Monday, September 10 16:34:15
Ireland will find its deficit targets harder to meet and must look at deeper cuts in government spending, including cuts to Social Welfare, according to the IMF today.
The partner to Ireland's bailout Troika, which also includes the EU and ECB, encouraged the Government to focus upcoming fiscal adjustments on how social supports are targeted, reform of the health and education sectors and broadening the tax base rather than increasing rates.
It said that the success of Ireland's international bailout hinges on it getting more European support and there being economic recovery externally, as it cut its growth forecast for Ireland for next year.
Euro zone leaders agreed at their summit in June to look at improving Ireland's bank rescue, a commitment that has pushed Irish bond yields down sharply and allowed Dublin to raise long-term debt for the first time since it secured the EU/IMF bailout almost two years ago.
The Government wants the terms tied to E31 billion of IOUs pumped into two failed banks eased and Europe's rescue funds to take over its stakes in other lenders, something the IMF said was needed to put the rescue programme "on a clear path to successful completion".
"When implemented, recent European commitments could decisively improve program prospects... Success hinges on external economic recovery and more European support," the IMF said in its latest report on Ireland's bailout progress.
"Timely commitment to such a strengthening of European support, especially ESM investments in the equity of Irish banks, therefore offers real prospects for Ireland to exit its reliance on official financing, which would be a positive breakthrough in the euro area crisis."
While again praising the Government for the "vigorous" policy implementation that has made it the toast of Europe's bailed out countries, the IMF noted that a deterioration in economic conditions outside of the country would hamper its growth prospects for this year and next.
It said it expected gross domestic product (GDP) to grow by 1.4 percent in 2013 and not the 1.9 percent predicted in June, while it also lowered its forecast for this year slightly, to 0.4 percent from 0.5 percent.
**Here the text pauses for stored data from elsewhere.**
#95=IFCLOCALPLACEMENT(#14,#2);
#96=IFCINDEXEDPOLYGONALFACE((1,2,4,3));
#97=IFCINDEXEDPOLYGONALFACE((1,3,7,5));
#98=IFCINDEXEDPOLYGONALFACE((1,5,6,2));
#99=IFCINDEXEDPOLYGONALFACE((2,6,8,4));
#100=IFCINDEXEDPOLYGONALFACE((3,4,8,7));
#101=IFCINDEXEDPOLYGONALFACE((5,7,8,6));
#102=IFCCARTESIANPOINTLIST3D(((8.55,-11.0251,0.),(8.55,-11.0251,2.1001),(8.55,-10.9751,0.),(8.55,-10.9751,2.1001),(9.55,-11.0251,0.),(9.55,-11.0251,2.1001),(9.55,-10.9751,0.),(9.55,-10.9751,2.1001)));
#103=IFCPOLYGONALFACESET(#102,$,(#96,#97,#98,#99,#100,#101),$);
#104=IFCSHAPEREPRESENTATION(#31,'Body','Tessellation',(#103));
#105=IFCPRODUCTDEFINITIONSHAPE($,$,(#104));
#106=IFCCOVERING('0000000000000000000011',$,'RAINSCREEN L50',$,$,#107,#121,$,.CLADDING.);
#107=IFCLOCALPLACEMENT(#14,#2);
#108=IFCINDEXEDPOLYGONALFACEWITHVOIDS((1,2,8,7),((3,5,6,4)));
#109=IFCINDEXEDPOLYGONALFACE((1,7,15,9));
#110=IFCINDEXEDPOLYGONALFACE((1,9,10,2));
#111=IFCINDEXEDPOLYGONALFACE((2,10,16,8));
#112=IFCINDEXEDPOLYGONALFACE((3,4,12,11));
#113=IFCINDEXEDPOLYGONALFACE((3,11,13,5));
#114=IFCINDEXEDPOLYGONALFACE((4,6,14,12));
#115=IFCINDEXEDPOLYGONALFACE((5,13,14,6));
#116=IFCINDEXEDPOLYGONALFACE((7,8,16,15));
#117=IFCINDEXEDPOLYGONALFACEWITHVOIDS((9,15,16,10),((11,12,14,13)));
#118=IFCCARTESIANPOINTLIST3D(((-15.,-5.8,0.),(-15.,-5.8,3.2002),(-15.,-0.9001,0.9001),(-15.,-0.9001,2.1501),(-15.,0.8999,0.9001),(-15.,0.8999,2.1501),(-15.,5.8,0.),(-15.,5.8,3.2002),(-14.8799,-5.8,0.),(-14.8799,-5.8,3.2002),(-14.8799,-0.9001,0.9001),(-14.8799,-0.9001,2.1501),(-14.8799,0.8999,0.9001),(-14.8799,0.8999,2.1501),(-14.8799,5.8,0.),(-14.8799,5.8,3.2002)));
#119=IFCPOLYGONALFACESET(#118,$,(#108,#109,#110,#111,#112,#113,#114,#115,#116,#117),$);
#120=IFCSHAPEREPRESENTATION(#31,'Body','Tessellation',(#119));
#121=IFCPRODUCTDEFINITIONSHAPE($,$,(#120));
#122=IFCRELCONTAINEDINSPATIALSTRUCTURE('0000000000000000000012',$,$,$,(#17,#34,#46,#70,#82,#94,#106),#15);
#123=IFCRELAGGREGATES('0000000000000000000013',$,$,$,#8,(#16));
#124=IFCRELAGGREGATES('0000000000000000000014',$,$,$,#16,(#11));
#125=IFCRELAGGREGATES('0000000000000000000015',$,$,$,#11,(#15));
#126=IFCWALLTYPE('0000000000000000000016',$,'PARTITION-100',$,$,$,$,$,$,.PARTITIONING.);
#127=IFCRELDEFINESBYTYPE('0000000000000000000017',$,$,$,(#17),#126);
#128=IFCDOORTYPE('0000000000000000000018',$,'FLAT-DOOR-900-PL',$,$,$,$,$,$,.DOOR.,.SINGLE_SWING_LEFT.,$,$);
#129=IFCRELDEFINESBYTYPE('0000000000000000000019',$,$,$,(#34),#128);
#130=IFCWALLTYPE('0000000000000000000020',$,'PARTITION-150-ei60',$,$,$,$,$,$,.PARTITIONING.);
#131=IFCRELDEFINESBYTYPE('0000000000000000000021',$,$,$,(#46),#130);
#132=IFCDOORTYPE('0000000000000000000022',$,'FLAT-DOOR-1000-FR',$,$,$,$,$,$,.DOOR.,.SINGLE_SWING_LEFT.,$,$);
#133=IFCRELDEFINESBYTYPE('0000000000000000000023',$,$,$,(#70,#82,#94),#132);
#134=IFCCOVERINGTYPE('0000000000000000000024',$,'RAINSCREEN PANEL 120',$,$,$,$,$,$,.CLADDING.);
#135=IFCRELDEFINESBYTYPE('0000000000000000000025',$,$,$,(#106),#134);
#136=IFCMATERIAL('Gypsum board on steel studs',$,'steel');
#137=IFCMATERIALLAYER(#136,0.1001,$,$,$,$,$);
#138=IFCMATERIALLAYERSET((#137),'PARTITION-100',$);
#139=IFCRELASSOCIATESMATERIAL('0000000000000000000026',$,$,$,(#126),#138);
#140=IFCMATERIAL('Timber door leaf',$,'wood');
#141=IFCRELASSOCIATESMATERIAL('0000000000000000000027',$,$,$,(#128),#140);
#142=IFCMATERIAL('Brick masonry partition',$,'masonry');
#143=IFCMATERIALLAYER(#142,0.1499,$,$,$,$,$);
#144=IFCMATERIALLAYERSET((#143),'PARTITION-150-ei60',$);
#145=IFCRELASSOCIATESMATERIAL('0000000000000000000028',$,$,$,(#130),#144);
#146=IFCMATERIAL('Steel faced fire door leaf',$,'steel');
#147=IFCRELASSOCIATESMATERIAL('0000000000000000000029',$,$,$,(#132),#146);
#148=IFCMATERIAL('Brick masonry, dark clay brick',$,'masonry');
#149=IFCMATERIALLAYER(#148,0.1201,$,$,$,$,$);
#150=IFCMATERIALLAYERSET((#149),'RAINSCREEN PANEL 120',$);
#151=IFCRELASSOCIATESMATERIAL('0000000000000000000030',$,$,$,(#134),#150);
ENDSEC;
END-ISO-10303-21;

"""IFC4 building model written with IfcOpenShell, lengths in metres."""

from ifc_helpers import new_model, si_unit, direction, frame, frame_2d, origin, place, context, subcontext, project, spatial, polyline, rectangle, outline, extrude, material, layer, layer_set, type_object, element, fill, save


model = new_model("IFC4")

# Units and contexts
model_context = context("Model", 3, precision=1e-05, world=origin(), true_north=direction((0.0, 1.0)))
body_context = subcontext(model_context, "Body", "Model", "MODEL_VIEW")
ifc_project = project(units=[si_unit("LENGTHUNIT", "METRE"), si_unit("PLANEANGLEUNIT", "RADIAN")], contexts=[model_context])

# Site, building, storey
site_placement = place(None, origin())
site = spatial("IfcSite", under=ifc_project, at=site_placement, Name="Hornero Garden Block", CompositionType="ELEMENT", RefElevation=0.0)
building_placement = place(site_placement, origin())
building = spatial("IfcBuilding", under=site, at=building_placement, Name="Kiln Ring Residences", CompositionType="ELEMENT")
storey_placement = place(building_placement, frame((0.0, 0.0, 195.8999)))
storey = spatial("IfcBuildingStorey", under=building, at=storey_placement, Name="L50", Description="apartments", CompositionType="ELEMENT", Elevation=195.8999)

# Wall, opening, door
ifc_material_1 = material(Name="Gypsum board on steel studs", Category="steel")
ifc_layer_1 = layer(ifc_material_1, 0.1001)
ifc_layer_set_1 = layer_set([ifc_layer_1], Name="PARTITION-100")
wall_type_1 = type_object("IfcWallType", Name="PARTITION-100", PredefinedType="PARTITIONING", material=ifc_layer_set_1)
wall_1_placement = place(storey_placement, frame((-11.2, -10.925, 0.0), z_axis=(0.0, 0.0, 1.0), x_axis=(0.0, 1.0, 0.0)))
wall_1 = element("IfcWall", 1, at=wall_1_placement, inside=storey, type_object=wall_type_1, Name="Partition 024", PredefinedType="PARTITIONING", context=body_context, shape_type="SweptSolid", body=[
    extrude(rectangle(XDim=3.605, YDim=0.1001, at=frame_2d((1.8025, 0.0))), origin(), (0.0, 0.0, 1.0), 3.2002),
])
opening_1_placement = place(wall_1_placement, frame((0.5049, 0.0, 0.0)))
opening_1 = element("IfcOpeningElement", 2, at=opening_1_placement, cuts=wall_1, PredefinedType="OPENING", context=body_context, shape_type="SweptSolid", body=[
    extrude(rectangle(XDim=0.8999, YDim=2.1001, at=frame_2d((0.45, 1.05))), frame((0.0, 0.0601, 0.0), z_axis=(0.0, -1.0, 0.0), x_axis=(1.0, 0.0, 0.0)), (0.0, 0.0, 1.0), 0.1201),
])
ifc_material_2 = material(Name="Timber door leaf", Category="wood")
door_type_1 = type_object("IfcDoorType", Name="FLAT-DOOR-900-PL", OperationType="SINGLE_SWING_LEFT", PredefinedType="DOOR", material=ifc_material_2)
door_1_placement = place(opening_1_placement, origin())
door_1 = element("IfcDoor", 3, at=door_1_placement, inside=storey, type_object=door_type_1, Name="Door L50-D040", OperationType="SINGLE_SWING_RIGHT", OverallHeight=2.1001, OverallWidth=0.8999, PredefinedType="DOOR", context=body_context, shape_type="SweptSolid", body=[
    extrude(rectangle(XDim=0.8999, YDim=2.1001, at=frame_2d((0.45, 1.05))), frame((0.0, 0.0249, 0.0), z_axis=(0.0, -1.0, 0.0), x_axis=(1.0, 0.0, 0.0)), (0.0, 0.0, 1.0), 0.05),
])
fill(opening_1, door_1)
The updated figures were in line with downward revisions made recently by the European Commission, another of Dublin's "troika" of lenders, and published in a draft document seen by Reuters.
The IMF said the markdown would make the deficit targets harder to attain and that its medium-term growth scenario projecting an average growth of 2.75 percent from 2014-2017 also assumes a resolution of the euro area crisis over the next year.